We wrap our search function inside another one that has access to RunContext. Through it, we can see how many run_steps (tool-call loop iterations) we already made, and if it's too many, don't return anything:

In [None]:
def create_agent():
    tools = search_tools.prepare_search_tools()

    def search(ctx: RunContext, query: str):
        if ctx.run_step > 3:
            return {"message": "Maximum number of searches reached."}

        return tools.search(query)

    search.__doc__ = tools.search.__doc__

    return Agent(
        name="search",
        instructions=search_instructions,
        tools=[search],
        model="openai:gpt-4o-mini",
        output_type=SearchResultArticle,
    )


Note: we need to copy the docstrings to the new search tool, otherwise the LLM won't know how to use it.

### Option 2: Message history processing

Alternatively, we can alter message history using [history_processors](https://ai.pydantic.dev/message-history/).

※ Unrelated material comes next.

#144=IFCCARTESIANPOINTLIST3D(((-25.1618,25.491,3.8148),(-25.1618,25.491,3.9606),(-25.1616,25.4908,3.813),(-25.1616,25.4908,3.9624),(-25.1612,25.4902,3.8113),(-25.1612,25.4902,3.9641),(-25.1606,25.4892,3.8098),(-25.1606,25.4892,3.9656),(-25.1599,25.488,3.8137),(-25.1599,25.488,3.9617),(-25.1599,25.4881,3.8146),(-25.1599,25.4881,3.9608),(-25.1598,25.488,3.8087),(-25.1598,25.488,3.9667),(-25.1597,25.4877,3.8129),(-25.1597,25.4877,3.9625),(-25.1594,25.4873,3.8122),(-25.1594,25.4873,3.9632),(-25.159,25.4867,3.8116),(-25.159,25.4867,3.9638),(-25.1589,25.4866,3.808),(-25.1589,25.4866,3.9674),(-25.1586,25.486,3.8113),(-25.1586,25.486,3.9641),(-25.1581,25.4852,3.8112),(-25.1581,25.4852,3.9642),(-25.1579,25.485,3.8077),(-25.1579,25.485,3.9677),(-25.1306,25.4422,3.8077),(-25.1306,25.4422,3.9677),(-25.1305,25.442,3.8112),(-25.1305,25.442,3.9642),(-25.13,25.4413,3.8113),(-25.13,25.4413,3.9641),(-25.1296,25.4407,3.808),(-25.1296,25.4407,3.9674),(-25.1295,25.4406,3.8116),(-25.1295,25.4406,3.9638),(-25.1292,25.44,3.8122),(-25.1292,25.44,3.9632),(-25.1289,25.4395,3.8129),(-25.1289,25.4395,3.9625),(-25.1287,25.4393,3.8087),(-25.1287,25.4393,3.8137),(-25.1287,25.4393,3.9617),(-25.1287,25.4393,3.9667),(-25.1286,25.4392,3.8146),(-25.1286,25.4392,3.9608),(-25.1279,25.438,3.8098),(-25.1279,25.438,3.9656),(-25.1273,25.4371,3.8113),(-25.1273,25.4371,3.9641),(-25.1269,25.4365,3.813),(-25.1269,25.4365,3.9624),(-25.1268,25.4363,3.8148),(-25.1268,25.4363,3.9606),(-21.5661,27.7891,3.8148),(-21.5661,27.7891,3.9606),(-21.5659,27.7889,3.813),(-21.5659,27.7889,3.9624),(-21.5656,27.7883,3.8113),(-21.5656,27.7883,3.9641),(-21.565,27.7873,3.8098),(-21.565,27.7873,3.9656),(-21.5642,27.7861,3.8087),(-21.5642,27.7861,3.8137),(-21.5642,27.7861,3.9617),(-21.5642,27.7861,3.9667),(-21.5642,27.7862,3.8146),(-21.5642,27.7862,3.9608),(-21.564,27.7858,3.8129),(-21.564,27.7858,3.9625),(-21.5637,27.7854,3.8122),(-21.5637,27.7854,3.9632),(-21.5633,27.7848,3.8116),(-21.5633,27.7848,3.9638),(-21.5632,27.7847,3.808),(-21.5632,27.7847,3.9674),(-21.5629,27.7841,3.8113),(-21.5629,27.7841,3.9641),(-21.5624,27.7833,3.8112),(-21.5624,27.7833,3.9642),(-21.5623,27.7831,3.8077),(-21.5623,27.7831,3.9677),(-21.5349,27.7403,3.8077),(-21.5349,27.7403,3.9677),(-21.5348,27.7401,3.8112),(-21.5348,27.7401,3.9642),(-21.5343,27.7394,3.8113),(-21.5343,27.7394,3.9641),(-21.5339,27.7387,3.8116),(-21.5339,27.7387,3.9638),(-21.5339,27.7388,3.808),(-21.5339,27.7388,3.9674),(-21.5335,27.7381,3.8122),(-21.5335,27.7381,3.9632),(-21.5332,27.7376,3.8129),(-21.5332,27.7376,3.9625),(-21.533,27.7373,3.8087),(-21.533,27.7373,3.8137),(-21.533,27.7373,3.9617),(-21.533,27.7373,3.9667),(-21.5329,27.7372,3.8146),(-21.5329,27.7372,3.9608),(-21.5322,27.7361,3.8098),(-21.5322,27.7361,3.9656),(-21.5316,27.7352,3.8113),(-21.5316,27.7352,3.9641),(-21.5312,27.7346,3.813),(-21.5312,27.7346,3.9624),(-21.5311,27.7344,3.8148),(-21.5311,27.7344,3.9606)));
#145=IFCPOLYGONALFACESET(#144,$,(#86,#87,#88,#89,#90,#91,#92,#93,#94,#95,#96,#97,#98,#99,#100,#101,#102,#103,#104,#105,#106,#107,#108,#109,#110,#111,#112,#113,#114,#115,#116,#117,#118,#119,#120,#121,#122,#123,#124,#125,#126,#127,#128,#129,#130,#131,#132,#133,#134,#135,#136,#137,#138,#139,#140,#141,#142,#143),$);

Here's the docstring from the Agent class:

```text
history_processors: Optional list of callables to process the message history before sending it to the model.
            Each processor takes a list of messages and returns a modified list of messages.
            Processors can be sync or async and are applied in sequence.
```

Let's implement it:

In [None]:
from pydantic_ai.messages import ModelMessage, UserPromptPart

def force_answer_after_6_searches(messages: list[ModelMessage]) -> list[ModelMessage]: 
    num_tool_calls = 0
    
    for m in messages:
        for p in m.parts:
            if p.part_kind == 'tool-call' and p.tool_name == 'search':
                num_tool_calls = num_tool_calls + 1

    if num_tool_calls >= 6:
        print('forcing output')
        last_message = messages[-1]
        finish_prompt = 'System message: The maximal number of searches has exceeded 6. Proceed to finishing the writeup'
        finish_prompt_part = UserPromptPart(finish_prompt)
        last_message.parts.append(finish_prompt_part)

    return messages


Now we control the agent by injecting instructions to stop using search and proceed to generating the answer.

This option is a little cleaner as we don't need to modify our tools.

## Final Evaluation Run

Execute the final evaluation with all improvements:

In [None]:
all_results = await map_progress(ground_truth_sample, run_agent)

Check the final costs:

In [None]:
calculate_cost('gpt-4o-mini', all_results)

Process and save the results:

In [None]:
rows = []

for q, result in all_results:
    if result is None:
        continue

    row = process_result(q, result)
    rows.append(row)


And save it for the next step:

In [None]:
with open('sample_eval_rows.bin', 'wb') as f_out:
    pickle.dump(rows, f_out)

## Summary and next steps

In this lesson we run the agent and collected the output. We also identified a few problems and fixed them.

Because we run the agent against a lot of queries, we can easily identify some common problems.

Now we can use the data we collected to actually do the evaluation. We will do it in the next lesson.